Even the best run pension plans occasionally pay retirees the wrong amount due to errors in employee classification, or calculating participant service or compensation. Correcting underpayments is easy enough – though it is important to remember that interest is required –but what happens after a pension plan discovers an error after paying the retiree too much or even a benefit to which a retiree was never entitled?
The United States Court of Appeals for the Ninth Circuit recently confronted this issue when a retiree, who was found never to have had enough qualifying service to have vested in his pension, sought to enjoin the plan from cutting off his payments. In Gabriel v. Alas. Electrical Workers’ Plan, the retiree claimed that he would never have stopped working if he had known he had not qualified for a pension. He sought equitable relief under the U.S. Supreme Court’s CIGNA v. Amara decision, finding that participants could obtain traditional equitable relief for certain violations by plan fiduciaries.
The Ninth Circuit rejected the retiree’s claims under each of the three forms of equitable relief discussed by the Supreme Court in its decision.
- The court rejected the retiree’s estoppel claim that the plan couldn’t discontinue what it had been doing because it found that there could be no estoppel based on oral statements when the plan language was clear. To recognize such claims might jeopardize the actuarial soundness of a plan and the benefits of legitimate participants. The court noted that the retiree was also ineligible to rely on estoppel, because he was aware that he had failed to qualify for the pension.
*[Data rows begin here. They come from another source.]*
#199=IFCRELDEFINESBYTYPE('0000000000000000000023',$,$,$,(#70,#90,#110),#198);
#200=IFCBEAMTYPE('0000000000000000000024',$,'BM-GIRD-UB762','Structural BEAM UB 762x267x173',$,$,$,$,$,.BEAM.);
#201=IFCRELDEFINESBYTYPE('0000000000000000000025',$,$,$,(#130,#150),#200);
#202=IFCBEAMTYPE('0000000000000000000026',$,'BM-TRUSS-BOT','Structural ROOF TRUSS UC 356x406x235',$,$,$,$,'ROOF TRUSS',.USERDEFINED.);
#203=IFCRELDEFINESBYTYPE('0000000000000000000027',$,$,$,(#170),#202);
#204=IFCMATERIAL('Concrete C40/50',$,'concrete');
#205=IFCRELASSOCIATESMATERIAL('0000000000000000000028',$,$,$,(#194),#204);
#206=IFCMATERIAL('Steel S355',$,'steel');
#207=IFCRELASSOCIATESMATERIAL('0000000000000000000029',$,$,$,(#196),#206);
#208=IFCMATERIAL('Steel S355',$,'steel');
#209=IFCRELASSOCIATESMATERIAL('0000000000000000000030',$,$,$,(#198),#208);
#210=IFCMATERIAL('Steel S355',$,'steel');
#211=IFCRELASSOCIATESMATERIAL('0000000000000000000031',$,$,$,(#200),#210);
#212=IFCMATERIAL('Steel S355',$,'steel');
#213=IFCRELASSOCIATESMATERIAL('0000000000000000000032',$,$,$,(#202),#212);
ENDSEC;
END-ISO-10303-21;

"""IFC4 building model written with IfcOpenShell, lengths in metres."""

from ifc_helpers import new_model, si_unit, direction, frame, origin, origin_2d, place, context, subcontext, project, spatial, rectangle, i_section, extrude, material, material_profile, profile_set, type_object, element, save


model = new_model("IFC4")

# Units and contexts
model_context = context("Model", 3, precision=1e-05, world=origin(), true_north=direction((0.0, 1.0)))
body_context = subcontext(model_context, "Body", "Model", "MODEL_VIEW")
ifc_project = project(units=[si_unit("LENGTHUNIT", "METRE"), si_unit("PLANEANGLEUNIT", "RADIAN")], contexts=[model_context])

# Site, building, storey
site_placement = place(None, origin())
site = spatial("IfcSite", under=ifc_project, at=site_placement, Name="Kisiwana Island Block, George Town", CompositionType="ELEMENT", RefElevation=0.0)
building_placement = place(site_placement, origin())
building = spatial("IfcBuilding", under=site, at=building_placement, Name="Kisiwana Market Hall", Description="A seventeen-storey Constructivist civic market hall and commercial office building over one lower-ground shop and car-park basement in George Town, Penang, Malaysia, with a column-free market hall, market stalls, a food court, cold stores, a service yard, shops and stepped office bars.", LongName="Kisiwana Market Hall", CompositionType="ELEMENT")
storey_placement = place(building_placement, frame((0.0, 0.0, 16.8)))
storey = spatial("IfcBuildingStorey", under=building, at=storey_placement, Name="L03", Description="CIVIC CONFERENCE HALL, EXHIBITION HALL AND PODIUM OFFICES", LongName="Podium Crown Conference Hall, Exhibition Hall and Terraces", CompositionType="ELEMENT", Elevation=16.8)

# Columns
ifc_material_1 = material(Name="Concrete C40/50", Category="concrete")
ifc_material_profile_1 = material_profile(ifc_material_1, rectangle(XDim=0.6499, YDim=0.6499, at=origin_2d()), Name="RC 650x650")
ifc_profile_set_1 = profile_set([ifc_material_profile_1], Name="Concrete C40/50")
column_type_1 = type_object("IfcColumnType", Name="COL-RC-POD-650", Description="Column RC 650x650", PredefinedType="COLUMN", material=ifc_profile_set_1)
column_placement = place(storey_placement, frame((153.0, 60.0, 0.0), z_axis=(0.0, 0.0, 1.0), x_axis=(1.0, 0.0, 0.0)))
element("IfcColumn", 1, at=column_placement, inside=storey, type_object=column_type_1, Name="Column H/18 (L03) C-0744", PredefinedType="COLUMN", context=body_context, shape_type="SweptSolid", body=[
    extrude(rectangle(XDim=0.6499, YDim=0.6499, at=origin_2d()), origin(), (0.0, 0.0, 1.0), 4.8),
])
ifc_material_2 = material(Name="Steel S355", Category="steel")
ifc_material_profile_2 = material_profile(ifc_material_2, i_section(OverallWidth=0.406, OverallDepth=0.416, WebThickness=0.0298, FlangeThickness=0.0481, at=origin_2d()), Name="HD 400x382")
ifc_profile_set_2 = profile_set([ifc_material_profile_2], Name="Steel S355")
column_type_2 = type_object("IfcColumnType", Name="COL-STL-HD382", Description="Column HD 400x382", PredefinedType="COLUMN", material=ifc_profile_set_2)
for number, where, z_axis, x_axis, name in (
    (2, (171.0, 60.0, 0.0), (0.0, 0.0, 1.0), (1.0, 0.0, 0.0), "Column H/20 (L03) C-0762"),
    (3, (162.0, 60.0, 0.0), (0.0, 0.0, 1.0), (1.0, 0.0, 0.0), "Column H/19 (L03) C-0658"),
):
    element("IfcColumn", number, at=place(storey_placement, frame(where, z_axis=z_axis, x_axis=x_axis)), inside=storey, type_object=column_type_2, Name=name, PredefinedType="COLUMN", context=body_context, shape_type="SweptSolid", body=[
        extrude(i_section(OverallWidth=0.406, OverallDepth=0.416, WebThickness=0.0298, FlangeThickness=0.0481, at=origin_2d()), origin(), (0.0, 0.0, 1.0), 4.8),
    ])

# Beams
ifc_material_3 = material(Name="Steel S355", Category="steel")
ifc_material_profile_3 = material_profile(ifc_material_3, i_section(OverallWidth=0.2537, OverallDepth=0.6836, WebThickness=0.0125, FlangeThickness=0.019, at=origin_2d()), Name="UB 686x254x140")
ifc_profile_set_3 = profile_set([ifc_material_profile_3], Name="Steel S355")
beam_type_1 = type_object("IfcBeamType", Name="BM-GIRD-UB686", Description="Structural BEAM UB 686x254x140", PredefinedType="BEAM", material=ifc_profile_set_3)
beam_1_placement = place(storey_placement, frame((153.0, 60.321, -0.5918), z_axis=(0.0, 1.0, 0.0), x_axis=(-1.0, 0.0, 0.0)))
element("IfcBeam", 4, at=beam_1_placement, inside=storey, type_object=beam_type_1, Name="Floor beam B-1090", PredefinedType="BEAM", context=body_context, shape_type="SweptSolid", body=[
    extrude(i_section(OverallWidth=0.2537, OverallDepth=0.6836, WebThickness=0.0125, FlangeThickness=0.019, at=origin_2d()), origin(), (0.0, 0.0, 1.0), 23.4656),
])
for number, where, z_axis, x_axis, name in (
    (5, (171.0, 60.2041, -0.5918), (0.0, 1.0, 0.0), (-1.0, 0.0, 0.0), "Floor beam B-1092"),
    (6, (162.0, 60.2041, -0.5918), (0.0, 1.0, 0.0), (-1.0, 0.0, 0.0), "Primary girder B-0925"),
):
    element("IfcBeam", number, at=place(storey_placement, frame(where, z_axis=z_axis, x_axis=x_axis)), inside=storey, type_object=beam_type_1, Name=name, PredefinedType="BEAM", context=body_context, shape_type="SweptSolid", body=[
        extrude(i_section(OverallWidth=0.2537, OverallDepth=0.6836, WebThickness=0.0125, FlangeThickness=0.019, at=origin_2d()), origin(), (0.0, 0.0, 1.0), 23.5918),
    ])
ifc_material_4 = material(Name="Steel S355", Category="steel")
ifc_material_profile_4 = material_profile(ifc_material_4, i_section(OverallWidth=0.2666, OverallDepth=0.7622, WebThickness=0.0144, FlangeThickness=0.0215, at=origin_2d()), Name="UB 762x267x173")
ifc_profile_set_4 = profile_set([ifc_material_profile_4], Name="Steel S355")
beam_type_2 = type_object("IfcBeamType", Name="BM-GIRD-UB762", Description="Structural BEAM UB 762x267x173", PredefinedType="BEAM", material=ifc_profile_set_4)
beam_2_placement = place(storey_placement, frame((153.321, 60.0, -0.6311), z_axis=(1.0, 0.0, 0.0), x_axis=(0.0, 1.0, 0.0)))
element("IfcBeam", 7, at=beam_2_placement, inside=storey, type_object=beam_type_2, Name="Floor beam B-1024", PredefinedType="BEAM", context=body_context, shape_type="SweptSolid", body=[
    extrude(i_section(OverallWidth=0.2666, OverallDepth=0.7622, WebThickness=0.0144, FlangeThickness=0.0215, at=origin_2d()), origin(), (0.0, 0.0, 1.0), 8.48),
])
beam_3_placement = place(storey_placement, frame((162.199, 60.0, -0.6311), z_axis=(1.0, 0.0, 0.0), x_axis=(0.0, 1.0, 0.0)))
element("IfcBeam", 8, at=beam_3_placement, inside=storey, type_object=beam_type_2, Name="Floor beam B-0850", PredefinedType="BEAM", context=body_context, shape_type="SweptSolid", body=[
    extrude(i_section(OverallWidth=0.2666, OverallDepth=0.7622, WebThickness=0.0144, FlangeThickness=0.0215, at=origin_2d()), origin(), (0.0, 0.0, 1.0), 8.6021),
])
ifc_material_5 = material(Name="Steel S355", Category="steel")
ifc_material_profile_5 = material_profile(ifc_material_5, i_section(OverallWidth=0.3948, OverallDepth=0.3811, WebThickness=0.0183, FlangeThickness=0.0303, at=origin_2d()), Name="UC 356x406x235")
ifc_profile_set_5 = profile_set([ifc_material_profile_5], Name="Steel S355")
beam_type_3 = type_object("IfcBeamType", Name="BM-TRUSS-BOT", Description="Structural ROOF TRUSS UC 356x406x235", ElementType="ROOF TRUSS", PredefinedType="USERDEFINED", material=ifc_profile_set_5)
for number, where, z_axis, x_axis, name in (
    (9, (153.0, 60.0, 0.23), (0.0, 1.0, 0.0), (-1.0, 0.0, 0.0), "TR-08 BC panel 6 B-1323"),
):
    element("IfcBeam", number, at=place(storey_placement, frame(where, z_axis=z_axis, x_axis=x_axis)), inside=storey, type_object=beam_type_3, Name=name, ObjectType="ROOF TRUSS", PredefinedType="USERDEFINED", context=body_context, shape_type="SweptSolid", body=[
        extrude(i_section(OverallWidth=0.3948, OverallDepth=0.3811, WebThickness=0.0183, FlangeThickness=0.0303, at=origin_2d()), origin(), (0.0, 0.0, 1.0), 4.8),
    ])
- The court refused to reform the plan to require it to provide the pension, because there was no mistake in the plan document.
- A surcharge was denied, because there was no loss to the trust to be reimbursed by the continuing payments and the trustees were not unjustly enriched.
In effect, the court rejected the retiree’s efforts to use CIGNA v. Amara in an action that was not to the benefit of the trust.
While the court upheld the plan’s suspension of the unearned pension, it did not comment on whether the plan had an obligation to recover the improper payments it had previously made. The plan had apparently dropped its lawsuit to recover those payments, but was that appropriate?
The IRS correction procedures in the voluntary correction program in Rev. Proc. 2013-12 require a plan sponsor seeking a compliance statement to demand repayment plus interest when overpayments have been made. However, they also indicate that if the participant does not make the repayment, the plan sponsor must make up the difference to place the plan in the same position as if the overpayment had not been made. It does not appear that the IRS requires that the plan sue the participant to recover.
An Ounce of Prevention.
There are a number of decisions in which participants attempted unsuccessfully to keep overpayments that had been communicated in erroneous benefit statements. See, e.g., Stark v. Mars Inc., 879 F. Supp. 2d 752 (S.D. Ohio 2012, affd by the Sixth Circuit Court of Appeals).
These cases underscore the importance of using warning language stating that the amount shown on the benefit statement is only an estimate, and that the final amount of a pension must be determined by the plan’s actuaries. But by the time a participant applies for a pension, as the participant in this case did, every plan needs to do a final careful check of eligibility and every element relevant to the pension calculation to avoid this type of litigation and the need to make retroactive corrections. The plan might also want to notify new retirees that it still retains the right to correct mistakes. Playing catch-up later could lead to expensive legal action even if the plan fiduciaries win.